Uptick in inflation may ease Fed’s worries about slowing US growth

Consumer prices for urban shoppers, an inflation benchmark that covers nearly 90% of the U.S. population, climbed more rapidly last month, a shift that may ease Federal Reserve concerns about a slowing economy.

The widely followed index for all goods climbed 1.8% in the 12 months through July, up 20 basis points from June, according to a report Tuesday from the U.S. Labor Department. Core inflation, which excludes food and energy bills, gained 2.2%, compared with 2.1% the month before.

The latest data from the Consumer Price Index “should provide some comfort” to the Federal Reserve’s monetary policy committee, which recently lowered short-term interest rates by 25 basis points to insulate the economy from the Trump administration’s trade war with China, said Blerina Uruçi, an economist with British lender Barclays Plc.

Still, the outlook is clouded by softness in manufacturing as well as 10% tariffs that the U.S. plans to impose Sept. 1 on Chinese imports unaffected by earlier 25% duties, she said.

As the U.S. central bank monitors inflation for the remainder of the year, “it will require a broad-based and sustained improvement in momentum across categories before being confident that the recent weakness in inflation has been overcome,” Uruçi said.

Inflation that slowed from the start of 2019 and was lagging the Fed’s goal of 2%, the level it believes will support stable economic growth, was among the reasons Chairman Jerome Powell offered when the central bank lowered interest rates in late July to a range of 2% to 2.25%.

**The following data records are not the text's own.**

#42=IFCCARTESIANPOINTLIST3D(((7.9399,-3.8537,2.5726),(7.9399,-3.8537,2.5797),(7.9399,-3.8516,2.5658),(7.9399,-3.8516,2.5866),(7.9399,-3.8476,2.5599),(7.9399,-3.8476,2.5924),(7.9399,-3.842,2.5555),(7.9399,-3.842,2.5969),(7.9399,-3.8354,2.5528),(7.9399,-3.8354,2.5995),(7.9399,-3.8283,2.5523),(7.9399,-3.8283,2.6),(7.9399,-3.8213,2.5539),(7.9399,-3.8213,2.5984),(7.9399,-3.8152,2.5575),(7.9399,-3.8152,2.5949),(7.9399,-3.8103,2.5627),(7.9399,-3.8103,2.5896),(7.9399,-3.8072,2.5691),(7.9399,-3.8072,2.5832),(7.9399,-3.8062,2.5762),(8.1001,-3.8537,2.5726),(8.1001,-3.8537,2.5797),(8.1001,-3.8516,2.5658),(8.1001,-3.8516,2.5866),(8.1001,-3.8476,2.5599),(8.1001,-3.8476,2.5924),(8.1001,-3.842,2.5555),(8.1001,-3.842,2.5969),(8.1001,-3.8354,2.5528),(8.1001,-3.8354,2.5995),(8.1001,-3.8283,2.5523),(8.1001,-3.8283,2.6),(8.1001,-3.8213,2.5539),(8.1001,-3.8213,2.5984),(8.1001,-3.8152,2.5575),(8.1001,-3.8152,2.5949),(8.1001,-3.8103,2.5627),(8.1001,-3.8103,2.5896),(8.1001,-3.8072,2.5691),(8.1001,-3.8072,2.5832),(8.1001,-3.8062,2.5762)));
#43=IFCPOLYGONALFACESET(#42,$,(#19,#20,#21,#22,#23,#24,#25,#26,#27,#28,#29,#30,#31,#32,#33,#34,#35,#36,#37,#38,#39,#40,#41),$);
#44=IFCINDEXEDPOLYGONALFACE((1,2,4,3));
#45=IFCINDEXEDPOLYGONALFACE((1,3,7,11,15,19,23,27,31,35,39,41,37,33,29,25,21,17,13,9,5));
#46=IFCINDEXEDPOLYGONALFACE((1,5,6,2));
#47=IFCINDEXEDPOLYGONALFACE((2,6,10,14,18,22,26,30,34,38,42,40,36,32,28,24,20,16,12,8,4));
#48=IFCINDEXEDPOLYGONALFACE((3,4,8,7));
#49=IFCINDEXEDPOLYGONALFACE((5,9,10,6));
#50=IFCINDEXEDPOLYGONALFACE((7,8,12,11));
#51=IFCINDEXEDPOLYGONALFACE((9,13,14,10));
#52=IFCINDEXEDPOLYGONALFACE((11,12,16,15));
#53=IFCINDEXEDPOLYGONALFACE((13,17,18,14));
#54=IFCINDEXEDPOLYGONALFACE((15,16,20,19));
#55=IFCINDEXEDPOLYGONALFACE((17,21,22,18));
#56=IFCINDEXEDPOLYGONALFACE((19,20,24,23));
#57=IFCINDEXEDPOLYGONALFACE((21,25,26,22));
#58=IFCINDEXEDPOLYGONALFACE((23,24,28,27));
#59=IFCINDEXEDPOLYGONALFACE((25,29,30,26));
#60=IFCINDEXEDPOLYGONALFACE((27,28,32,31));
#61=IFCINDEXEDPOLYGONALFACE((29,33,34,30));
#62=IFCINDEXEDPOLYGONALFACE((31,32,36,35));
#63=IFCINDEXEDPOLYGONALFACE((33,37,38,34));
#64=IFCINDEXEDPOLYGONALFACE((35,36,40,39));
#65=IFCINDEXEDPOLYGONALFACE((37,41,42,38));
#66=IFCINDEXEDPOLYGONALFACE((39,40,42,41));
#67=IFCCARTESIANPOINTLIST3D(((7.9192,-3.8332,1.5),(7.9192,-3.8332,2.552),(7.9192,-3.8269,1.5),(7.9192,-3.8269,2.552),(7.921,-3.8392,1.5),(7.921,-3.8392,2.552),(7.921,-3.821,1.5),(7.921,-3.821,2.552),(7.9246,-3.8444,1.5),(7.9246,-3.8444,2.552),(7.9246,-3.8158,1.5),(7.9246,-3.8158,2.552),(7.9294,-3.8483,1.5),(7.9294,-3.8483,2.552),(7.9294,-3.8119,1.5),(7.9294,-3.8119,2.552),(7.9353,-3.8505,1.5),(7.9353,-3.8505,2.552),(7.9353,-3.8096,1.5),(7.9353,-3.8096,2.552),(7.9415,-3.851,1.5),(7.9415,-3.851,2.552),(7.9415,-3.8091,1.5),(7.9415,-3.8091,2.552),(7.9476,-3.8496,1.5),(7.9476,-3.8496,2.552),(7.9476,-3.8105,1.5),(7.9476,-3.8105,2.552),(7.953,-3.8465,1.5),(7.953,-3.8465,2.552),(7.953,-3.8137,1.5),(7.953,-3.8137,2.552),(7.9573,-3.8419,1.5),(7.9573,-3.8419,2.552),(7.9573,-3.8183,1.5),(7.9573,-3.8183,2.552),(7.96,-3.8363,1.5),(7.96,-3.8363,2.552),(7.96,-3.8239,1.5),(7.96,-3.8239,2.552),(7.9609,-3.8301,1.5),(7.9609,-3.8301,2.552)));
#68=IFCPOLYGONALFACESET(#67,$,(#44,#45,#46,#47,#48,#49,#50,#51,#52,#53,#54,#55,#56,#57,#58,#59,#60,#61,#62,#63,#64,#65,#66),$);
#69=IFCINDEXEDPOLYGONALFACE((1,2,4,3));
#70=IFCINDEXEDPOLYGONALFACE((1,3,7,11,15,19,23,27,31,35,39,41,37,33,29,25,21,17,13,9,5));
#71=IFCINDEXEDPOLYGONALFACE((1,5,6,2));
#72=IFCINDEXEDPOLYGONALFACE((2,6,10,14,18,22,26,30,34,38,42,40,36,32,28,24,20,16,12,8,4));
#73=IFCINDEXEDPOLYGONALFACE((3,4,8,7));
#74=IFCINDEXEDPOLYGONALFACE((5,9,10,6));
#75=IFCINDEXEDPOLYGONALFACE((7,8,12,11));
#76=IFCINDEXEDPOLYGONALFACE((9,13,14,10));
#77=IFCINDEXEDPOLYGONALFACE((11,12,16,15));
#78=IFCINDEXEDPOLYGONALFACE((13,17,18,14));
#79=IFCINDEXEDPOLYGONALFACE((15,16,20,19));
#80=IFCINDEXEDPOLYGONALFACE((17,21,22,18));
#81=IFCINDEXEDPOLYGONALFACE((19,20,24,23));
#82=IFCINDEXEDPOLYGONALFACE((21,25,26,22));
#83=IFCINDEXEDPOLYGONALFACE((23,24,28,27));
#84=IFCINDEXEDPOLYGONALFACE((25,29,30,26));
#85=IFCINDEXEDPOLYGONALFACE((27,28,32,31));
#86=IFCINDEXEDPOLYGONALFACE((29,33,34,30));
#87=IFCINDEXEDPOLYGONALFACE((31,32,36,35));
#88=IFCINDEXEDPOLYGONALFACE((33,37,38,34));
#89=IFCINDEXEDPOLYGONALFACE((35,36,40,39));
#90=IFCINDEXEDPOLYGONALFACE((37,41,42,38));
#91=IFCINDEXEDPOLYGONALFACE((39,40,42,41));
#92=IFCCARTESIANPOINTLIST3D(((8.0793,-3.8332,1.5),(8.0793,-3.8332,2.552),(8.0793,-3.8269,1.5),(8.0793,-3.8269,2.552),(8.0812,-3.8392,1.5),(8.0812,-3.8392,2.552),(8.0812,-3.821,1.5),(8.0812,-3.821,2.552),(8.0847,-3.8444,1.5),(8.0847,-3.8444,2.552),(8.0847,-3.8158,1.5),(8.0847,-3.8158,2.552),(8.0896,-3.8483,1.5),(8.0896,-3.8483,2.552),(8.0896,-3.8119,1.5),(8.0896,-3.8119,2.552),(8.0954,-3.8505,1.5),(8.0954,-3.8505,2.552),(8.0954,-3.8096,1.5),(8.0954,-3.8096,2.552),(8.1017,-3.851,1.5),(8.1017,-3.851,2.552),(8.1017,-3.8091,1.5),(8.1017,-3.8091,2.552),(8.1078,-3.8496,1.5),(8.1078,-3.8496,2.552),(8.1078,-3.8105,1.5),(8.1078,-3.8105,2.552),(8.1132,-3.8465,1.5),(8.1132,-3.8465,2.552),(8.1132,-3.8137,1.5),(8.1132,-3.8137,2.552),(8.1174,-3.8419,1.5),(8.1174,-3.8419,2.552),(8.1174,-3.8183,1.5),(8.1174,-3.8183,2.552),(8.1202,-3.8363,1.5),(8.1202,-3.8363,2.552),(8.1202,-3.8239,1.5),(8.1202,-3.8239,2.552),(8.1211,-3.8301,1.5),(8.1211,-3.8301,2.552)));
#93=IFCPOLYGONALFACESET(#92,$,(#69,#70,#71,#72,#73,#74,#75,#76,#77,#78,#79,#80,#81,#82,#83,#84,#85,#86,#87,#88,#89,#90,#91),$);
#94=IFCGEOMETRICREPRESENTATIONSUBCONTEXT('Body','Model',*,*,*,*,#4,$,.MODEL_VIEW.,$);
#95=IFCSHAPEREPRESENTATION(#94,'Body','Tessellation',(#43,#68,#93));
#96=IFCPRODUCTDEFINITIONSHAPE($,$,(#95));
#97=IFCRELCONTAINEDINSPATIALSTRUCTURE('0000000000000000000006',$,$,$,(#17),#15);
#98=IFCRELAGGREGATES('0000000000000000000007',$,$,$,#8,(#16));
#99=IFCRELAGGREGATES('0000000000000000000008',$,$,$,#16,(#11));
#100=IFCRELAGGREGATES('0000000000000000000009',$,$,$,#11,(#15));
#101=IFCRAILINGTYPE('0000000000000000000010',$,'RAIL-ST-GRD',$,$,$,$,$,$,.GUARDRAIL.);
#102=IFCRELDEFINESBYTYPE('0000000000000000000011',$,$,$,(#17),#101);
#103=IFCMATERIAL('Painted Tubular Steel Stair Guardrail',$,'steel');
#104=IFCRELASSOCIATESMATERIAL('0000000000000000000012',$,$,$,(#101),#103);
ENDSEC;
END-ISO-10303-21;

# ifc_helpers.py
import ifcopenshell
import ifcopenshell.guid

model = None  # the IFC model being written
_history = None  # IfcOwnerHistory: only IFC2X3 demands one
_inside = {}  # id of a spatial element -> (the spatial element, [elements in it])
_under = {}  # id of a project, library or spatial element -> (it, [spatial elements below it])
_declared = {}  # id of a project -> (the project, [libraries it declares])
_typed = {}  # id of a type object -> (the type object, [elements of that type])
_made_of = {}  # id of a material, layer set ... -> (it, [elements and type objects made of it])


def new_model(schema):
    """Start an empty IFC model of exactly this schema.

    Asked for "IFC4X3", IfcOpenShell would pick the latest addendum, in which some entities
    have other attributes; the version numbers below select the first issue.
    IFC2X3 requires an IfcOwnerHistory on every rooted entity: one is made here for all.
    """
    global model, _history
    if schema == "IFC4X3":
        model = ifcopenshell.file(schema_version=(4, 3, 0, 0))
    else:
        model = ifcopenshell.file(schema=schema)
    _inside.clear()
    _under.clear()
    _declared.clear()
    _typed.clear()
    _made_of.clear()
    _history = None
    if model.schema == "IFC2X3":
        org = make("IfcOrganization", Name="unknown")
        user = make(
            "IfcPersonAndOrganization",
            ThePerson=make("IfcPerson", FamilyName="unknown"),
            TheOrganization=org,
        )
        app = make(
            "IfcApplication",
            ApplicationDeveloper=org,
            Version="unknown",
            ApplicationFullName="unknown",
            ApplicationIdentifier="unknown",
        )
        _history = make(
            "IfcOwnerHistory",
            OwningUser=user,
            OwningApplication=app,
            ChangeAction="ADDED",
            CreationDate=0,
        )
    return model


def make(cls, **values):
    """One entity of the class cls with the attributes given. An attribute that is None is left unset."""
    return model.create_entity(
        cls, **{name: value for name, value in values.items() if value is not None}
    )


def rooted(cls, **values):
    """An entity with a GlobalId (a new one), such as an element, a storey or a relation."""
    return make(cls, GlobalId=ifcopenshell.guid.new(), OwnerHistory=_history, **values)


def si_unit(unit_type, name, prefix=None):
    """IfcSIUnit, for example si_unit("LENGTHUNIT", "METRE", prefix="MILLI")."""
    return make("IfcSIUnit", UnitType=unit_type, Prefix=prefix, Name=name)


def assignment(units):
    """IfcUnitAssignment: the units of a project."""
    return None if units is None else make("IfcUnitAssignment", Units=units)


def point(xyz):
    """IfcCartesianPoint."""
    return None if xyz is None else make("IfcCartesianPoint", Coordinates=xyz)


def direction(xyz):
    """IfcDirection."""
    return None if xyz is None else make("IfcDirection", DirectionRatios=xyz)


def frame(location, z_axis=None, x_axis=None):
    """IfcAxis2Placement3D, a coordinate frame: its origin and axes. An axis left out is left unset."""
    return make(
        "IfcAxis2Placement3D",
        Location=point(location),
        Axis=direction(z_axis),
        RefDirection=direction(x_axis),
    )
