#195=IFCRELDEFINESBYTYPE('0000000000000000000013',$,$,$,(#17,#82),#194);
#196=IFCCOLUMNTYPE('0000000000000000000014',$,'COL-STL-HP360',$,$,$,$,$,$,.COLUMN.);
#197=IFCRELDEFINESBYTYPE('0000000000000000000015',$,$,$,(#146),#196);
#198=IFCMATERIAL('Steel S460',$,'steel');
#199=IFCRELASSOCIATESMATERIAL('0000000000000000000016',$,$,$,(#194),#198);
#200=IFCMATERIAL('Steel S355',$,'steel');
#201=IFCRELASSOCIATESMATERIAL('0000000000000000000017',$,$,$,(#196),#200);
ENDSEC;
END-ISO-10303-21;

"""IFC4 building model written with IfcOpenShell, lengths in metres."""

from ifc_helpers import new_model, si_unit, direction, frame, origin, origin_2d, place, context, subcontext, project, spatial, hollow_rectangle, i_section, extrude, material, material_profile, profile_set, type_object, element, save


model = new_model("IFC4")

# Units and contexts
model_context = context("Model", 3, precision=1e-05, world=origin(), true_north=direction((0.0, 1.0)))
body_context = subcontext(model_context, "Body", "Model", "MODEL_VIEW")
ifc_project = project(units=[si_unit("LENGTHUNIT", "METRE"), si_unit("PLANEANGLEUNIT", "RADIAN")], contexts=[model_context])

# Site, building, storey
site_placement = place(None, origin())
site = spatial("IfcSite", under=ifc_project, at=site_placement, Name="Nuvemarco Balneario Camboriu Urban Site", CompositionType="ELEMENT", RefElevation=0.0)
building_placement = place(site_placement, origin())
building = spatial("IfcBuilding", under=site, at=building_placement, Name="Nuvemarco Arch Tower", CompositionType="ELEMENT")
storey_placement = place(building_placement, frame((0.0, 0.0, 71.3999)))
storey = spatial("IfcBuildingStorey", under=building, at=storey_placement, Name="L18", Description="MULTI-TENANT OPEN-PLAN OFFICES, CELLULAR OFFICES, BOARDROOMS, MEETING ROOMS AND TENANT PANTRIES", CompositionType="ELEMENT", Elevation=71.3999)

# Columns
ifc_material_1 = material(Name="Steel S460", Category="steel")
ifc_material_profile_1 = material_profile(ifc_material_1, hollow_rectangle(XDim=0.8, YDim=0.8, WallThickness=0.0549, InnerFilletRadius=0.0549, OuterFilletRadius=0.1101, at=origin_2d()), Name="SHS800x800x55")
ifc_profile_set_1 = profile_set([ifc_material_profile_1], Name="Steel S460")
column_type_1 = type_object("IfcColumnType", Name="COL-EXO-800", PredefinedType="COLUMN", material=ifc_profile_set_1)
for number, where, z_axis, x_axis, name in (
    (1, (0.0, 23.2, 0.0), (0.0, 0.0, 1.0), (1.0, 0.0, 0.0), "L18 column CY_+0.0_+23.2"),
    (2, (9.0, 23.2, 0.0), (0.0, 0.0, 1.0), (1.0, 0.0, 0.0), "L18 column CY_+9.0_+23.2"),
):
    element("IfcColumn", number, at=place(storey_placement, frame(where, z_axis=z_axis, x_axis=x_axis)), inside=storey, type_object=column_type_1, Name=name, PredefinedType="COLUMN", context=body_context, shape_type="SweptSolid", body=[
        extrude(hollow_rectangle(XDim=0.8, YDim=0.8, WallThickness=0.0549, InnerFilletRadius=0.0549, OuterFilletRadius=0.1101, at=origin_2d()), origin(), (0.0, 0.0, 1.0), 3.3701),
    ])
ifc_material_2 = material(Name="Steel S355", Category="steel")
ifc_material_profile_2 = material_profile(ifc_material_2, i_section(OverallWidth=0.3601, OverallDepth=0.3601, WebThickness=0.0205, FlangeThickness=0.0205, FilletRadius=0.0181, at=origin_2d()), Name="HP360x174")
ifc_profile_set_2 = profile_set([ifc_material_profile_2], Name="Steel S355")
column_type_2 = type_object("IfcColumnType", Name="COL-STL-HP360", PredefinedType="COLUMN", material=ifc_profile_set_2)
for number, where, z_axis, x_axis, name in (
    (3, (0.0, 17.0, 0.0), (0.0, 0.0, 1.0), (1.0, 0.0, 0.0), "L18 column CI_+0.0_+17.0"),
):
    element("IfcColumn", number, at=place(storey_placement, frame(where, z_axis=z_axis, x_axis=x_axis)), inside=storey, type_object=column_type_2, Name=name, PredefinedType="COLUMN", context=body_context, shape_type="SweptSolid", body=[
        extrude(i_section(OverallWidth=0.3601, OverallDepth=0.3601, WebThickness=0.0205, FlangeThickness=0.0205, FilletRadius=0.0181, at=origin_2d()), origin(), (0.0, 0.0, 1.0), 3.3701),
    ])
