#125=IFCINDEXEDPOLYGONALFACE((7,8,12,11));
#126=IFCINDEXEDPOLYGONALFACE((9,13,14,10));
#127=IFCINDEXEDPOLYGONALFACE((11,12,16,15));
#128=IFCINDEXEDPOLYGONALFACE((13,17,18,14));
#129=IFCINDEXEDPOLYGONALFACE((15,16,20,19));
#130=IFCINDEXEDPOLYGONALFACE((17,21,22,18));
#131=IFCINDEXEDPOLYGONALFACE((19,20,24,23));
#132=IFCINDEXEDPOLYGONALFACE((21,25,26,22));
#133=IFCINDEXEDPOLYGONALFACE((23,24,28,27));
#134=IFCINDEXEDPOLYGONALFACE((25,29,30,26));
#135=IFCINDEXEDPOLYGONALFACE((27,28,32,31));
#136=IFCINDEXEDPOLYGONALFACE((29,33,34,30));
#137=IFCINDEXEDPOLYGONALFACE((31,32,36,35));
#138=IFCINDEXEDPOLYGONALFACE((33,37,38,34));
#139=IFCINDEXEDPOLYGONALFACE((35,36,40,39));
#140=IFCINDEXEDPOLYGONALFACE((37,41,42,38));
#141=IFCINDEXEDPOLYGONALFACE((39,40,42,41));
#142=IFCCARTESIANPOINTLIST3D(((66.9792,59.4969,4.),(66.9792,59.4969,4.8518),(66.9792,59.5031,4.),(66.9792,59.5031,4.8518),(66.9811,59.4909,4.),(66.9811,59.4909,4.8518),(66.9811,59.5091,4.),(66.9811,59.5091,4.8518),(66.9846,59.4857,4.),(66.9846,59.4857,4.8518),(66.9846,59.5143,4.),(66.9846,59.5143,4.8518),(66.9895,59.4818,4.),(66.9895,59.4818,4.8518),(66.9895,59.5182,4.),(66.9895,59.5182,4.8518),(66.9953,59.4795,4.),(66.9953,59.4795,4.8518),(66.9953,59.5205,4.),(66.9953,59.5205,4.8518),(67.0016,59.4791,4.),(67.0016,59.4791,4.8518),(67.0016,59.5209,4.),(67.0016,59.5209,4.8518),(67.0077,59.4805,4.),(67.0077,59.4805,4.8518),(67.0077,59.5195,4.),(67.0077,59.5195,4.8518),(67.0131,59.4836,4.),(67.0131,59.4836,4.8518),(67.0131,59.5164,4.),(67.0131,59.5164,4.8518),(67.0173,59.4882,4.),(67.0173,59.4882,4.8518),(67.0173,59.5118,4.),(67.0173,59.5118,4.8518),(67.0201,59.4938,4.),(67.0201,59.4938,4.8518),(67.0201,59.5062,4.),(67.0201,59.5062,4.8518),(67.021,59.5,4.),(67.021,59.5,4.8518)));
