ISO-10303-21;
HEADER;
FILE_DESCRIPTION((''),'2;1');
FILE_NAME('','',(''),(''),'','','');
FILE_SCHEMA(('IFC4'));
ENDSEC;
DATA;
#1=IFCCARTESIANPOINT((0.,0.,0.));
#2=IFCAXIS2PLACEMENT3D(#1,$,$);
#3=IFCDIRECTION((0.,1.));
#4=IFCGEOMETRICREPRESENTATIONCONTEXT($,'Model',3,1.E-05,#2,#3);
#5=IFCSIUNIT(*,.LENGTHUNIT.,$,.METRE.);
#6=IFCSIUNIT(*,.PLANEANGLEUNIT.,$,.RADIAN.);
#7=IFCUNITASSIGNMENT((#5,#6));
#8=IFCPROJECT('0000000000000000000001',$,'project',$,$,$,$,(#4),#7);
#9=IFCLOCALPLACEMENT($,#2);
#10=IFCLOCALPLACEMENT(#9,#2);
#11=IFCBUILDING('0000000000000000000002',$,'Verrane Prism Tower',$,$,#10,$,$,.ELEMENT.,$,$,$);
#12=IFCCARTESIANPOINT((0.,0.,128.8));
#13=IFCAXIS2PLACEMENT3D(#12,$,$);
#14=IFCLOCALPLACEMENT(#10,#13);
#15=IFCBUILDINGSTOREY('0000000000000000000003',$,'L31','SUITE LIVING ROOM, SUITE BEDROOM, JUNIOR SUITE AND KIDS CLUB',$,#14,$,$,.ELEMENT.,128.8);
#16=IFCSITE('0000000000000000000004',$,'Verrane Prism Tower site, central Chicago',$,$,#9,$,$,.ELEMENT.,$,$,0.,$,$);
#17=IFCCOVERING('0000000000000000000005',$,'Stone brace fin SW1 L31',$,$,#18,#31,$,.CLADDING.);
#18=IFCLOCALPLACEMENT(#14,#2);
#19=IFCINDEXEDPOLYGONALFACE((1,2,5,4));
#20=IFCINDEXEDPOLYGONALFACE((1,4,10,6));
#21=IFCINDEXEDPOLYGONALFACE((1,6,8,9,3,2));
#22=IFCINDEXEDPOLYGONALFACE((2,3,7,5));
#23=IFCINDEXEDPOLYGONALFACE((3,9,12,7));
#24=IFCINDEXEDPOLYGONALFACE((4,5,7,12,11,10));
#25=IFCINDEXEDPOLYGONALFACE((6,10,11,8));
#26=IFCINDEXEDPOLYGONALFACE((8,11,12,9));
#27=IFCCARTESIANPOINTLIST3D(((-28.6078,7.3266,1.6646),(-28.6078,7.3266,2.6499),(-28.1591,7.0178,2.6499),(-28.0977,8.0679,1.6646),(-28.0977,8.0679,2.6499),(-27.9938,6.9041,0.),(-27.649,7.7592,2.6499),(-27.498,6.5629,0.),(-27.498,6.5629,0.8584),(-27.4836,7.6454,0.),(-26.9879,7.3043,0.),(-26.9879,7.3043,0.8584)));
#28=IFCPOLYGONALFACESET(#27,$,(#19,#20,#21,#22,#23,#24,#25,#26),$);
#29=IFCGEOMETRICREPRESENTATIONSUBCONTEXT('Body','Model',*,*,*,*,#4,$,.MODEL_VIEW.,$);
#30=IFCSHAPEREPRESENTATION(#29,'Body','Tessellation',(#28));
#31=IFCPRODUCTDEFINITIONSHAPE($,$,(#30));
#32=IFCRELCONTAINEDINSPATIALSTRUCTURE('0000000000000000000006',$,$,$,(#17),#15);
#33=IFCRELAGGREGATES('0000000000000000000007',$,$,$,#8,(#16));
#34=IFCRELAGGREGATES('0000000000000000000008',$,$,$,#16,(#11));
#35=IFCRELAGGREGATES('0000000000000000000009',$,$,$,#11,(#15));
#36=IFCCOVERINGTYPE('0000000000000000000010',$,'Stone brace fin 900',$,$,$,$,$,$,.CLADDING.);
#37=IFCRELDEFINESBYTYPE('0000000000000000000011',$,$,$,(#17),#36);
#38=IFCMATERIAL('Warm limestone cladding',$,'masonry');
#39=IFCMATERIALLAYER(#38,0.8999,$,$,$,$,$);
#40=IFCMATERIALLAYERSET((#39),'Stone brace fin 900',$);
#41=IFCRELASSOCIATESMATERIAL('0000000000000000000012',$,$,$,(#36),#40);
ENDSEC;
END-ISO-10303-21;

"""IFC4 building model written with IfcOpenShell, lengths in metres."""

from ifc_helpers import new_model, si_unit, direction, frame, origin, place, context, subcontext, project, spatial, polyline, outline, extrude, material, layer, layer_set, type_object, element, save


model = new_model("IFC4")

# Units and contexts
model_context = context("Model", 3, precision=1e-05, world=origin(), true_north=direction((0.0, 1.0)))
body_context = subcontext(model_context, "Body", "Model", "MODEL_VIEW")
ifc_project = project(units=[si_unit("LENGTHUNIT", "METRE"), si_unit("PLANEANGLEUNIT", "RADIAN")], contexts=[model_context])

# Site, building, storey
site_placement = place(None, origin())
site = spatial("IfcSite", under=ifc_project, at=site_placement, Name="Verrane Prism Tower site, central Chicago", CompositionType="ELEMENT", RefElevation=0.0)
building_placement = place(site_placement, origin())
building = spatial("IfcBuilding", under=site, at=building_placement, Name="Verrane Prism Tower", CompositionType="ELEMENT")
storey_placement = place(building_placement, frame((0.0, 0.0, 128.8)))
storey = spatial("IfcBuildingStorey", under=building, at=storey_placement, Name="L31", Description="SUITE LIVING ROOM, SUITE BEDROOM, JUNIOR SUITE AND KIDS CLUB", CompositionType="ELEMENT", Elevation=128.8)

# Covering
ifc_material_1 = material(Name="Warm limestone cladding", Category="masonry")
ifc_layer_1 = layer(ifc_material_1, 0.8999)
ifc_layer_set_1 = layer_set([ifc_layer_1], Name="Stone brace fin 900")
covering_type = type_object("IfcCoveringType", Name="Stone brace fin 900", PredefinedType="CLADDING", material=ifc_layer_set_1)
covering_placement = place(storey_placement, frame((-27.2429, 6.9336, 0.0), z_axis=(0.0, 0.0, 1.0), x_axis=(-0.82382, 0.566852, 0.0)))
element("IfcCovering", 1, at=covering_placement, inside=storey, type_object=covering_type, Name="Stone brace fin SW1 L31", PredefinedType="CLADDING", context=body_context, shape_type="SweptSolid", body=[
    extrude(outline(polyline([(1.3472, 2.6499), (0.8025, 2.6499), (0.0, 0.8584), (0.0, 0.0), (0.6018, 0.0), (1.3472, 1.6646), (1.3472, 2.6499)])), frame((0.0, 0.45, 0.0), z_axis=(0.0, -1.0, 0.0), x_axis=(1.0, 0.0, 0.0)), (0.0, 0.0, 1.0), 0.8999),
])

save(model, "model.ifc")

“We continue to expect that inflation will return over time to 2%, but domestic inflation pressures remain muted, and global disinflationary pressures persist,” he told reporters afterward. “Wages are rising, but not at a pace that would put much upward pressure on inflation. We are mindful that inflation’s return to 2% may be further delayed, and that continued below-target inflation could lead to a worrisome and difficult-to-reverse downward slide.”

Economists at Charlotte, North Carolina-based Bank of America now see a 1-in-3 chance of a recession before next year’s presidential election, fueled in part by U.S. trade conflicts that have focused on China but also encompass tariffs on steel, aluminum, washing machines, and solar panels, and threatened duties on goods from cars to automobile parts and French wines.

President Trump has maintained that the strategy will ultimately yield favorable trade deals for the United States, particularly with China, the world’s second-largest economy. Businesses have long criticized the nation for forcing them to share intellectual property as a condition of doing business in the country.

“We’ve been hurt by China for 25, 30 years,” Trump told reporters last week. “Nobody has done anything about it. And we have no choice but to do what we’re doing.”

Amid pushback from businesses, however, the administration agreed Tuesday to delay tariffs planned for Sept. 1 on some goods — including video game consoles, cellphones, and certain toys — until Dec. 15.